La risposta è: Assolutamente si, ma…

Il mercato degli immobili è cambiato moltissimo negli ultimi 20 anni ed è naturale che le tecniche di investimento di una volta, oggi non siano più adeguate.

Sicuramente investire in immobili oggi è molto più complesso e richiede competenze tecniche molto verticali in funzione del tipo di investimento che si vuole fare.

Per intenderci, le aste immobiliari ad esempio sono tutt’oggi un buon canale di investimento ma di certo il modo di approcciare ad esse è cambiato drasticamente anche in funzione delle evoluzioni del mercato (con il conseguente calo dei prezzi degli immobili) e dell’economia in generale.

Investire oggi è complesso se si desidera davvero ottenere un buon rendimento e le barriere tecniche all’entrata per poter operare in modo profittevole sono notevoli.

Chiunque desideri investire in questo tipo di mercato, per operare con un certo grado di sicurezza e avere dei buoni ritorni, deve necessariamente affidarsi a dei professionisti specializzati.

Per questo motivo nasce Hub S.r.l. – Real Estate & Asset Management con l’obiettivo di informare e supportare i propri clienti riguardo alle migliori opportunità di investimento di immobili pignorati, grazie a due tipi di operazioni differenti:

  1. Trattativa di saldo e stralcio
  2. Acquisto del credito NPL

Ad oggi queste due modalità risultano vincenti e preferibili ad altre tecniche di investimento

Per esempio, oggi è sempre più difficile chiudere un buon affare durante le aste immobiliari. Le aste infatti, sono sempre più spesso sature di offerenti, che non fanno altro che rilanciare il prezzo d’asta nella speranza di aggiudicarsi il bene ad un prezzo inferiore a quello di mercato. Ciò accade sempre più di rado, soprattutto nelle grandi città.

Dobbiamo ricordare inoltre che le aste giudiziarie sono aperte a tutti (non solo ai professionisti) e proprio per questo non è raro imbattersi in:

  • Investitori alle prime armi che non conoscono il Break Even Point del proprio investimento.
  • Acquirenti finali guidati da consulenti o immobiliaristi che partecipano in asta per acquistare l’immobile nel quale poi andranno a vivere direttamente, e che quindi sono disposti ad offrire cifre anche molto vicine al valore di mercato.
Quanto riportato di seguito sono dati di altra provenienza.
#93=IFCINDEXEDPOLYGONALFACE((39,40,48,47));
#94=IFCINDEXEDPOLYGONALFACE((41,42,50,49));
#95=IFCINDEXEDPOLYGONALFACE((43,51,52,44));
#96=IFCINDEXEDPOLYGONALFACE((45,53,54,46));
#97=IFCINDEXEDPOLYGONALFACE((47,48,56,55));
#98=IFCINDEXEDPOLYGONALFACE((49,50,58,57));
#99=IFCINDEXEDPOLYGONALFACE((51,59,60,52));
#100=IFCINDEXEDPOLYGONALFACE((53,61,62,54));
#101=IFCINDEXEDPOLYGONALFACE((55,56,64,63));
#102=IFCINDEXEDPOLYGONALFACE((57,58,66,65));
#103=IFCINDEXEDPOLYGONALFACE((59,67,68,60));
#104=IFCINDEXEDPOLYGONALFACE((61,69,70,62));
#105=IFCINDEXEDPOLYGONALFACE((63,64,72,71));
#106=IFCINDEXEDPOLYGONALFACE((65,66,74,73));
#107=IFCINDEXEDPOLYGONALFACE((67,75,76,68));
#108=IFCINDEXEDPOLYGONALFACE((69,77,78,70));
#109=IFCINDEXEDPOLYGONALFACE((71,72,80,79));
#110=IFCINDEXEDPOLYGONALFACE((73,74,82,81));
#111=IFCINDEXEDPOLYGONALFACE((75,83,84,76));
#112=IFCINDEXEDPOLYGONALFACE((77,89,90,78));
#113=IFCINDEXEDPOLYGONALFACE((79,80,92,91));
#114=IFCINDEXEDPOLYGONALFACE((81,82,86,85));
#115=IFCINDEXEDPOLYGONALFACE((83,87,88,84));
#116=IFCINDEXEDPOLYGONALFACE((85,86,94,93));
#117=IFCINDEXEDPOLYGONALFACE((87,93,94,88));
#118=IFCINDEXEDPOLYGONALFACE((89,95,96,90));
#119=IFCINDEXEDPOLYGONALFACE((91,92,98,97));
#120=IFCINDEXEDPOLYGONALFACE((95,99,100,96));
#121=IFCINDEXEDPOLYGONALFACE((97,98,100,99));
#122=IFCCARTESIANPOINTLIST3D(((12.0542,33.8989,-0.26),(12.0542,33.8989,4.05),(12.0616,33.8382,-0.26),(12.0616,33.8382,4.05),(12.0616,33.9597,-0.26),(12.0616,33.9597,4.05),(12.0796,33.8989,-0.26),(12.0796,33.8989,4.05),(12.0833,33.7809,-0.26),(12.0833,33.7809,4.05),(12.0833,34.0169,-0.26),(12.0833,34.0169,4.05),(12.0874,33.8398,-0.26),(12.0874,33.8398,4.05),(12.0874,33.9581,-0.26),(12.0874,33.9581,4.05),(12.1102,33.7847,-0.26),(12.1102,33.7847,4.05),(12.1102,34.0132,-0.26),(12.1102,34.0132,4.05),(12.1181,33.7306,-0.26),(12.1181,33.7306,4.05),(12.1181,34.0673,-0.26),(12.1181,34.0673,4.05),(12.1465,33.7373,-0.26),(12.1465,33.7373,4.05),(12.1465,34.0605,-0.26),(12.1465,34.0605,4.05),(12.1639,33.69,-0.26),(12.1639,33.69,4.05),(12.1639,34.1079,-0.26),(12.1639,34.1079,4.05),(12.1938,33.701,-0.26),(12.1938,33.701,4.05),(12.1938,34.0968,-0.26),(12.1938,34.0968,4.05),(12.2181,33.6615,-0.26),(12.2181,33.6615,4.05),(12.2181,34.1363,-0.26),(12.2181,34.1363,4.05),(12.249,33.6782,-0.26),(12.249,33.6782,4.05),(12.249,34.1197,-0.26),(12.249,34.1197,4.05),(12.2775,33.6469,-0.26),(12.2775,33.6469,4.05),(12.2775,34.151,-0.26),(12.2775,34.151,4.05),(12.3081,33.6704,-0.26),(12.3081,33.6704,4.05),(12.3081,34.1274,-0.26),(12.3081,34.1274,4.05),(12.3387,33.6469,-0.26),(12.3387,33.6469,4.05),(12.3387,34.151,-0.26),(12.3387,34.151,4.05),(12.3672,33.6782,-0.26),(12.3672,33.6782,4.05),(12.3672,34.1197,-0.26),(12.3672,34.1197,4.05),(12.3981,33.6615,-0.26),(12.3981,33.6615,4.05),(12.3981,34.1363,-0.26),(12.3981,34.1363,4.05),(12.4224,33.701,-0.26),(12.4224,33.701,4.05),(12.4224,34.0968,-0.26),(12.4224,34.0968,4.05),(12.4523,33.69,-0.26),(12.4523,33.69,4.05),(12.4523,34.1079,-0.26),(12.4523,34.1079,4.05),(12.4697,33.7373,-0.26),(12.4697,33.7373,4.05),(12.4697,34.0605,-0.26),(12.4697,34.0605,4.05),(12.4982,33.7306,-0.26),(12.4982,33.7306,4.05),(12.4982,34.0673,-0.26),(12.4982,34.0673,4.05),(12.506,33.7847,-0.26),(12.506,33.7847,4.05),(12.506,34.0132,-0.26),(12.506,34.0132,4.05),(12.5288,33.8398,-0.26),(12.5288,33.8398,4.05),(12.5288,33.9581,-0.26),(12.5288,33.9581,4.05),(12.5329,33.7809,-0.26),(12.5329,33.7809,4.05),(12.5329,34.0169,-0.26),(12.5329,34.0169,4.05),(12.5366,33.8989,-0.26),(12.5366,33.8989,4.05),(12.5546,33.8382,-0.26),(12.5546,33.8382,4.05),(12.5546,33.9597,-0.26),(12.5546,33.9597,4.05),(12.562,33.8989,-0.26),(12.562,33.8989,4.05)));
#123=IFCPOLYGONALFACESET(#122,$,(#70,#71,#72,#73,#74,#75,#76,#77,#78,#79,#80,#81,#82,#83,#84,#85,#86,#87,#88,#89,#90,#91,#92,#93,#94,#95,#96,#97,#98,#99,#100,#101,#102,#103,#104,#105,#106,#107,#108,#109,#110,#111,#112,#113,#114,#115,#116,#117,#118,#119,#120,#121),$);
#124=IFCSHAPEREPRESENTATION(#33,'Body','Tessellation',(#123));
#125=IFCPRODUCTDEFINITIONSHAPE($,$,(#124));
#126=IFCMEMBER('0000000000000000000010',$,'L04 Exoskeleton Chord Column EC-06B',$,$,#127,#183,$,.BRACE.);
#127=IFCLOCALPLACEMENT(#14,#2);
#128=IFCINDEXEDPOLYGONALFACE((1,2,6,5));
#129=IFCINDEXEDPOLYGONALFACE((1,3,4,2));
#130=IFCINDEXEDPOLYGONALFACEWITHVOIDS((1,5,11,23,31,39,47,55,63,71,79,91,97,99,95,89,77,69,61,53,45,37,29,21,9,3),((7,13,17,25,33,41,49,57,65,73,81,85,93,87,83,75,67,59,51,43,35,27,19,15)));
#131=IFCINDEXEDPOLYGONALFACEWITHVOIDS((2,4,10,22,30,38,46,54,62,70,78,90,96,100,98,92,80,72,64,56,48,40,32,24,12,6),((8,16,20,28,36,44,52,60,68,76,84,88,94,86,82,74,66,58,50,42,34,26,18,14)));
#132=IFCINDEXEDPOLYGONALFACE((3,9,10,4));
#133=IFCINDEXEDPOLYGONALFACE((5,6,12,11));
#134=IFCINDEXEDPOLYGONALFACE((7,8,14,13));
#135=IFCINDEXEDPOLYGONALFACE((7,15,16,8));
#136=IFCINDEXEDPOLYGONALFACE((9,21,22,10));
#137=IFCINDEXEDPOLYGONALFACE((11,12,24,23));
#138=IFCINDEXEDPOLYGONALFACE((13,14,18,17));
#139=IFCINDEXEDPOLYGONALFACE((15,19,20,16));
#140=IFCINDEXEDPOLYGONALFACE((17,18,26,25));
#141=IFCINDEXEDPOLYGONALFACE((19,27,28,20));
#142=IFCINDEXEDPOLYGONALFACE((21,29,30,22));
Gli investimenti immobiliari con il più alto rendimento nel 2018 - Saldo e Stralcio

Saldo e stralcio

Una valida alternativa alle aste è la procedura di saldo e stralcio.

Grazie a questa procedura è possibile raggiungere un accordo con la banca e/o con i creditori della procedura. Accordo che il più delle volte permette di aggiudicarsi gli immobili a un prezzo che solitamente è inferiore al 20-30% rispetto a quello di mercato.

Questo caso si verifica quando un privato o una società acquista un bene e non riesce più a far fronte ai propri debiti. Il creditore in questi casi è costretto ad avviare una procedura di pignoramento con conseguente vendita all’asta.

Il pignoramento però non è la soluzione preferibile per il creditore perché si tratta di una procedura lunga, costosa e non priva di insidie. Basti pensare ai casi in cui l’immobile viene occupato abusivamente dal pignorato o ai tempi tecnici per avviare il primo esperimento d’asta.

Con la Trattativa saldo e stralcio invece il creditore, pur cedendo una parte del suo credito, ha tutto l’interesse a recuperare nel minor tempo possibile la somma dovuta.

Questo è un tipo di trattativa che fa vincere tutte le parti perché:

  1. L’investitore immobiliare acquista a 70 un immobile che ad esempio vale 100.
  2. Il creditore si libera in breve tempo di un credito non realizzato, questo gli permette di sbloccare una liquidità da riallocare con efficacia sul mercato.
  3. Il debitore evita la procedura di pignoramento, estingue i propri debiti e viene cancellato dalla lista dei cattivi pagatori. Con il ricavato dell’asta invece il risultato è incerto e il debitore potrebbe non raggiungere la cifra necessaria a ripagare tutti i debiti.

Gli investimenti immobiliari con il più alto rendimento nel 2018 - Acquisto di NPL

Acquisto di NPL

Un’alternativa altrettanto valida oggi, è rappresentata dall’acquisto di NPL (ovvero di crediti non performanti).

Abbiamo già avuto modo di parlare di questa modalità di investimento ad alto rendimento.

Anche in questo caso ci troviamo in una situazione in cui il debitore non riesce ad onorare il suo debito. Il credito a quel punto diventa non esigibile, portando le due parti a una situazione di stallo.

La banca (che in questi casi è il creditore più tipico) a questo punto ha un credito non performante, dopo 180 giorni tali crediti vengono classificati come NPL. L’unico modo che ha il creditore per rientrare di questa perdita è attraverso il pignoramento e la conseguente messa all’asta dell’immobile.

Prima che si verifichi l’asta è possibile intervenire e, dopo aver opportunamente visionato l’immobile e dopo un’attenta valutazione da parte del CTU di fiducia che ne attesti il reale valore di mercato, è possibile aprire un dialogo con il creditore per acquistare gli NPL a una cifra concordata.

Ad esempio il credito maturato è di 150.000€ e l’investitore ne offre 60.000€.
Il creditore (in particolar modo gli istituti di credito) ha tutto l’interesse ad accettare una proposta di questo genere perché la banca così può realizzare il suo credito in tempi rapidi (ricordiamo la stretta della BCE sulla riduzione di tali insoluti).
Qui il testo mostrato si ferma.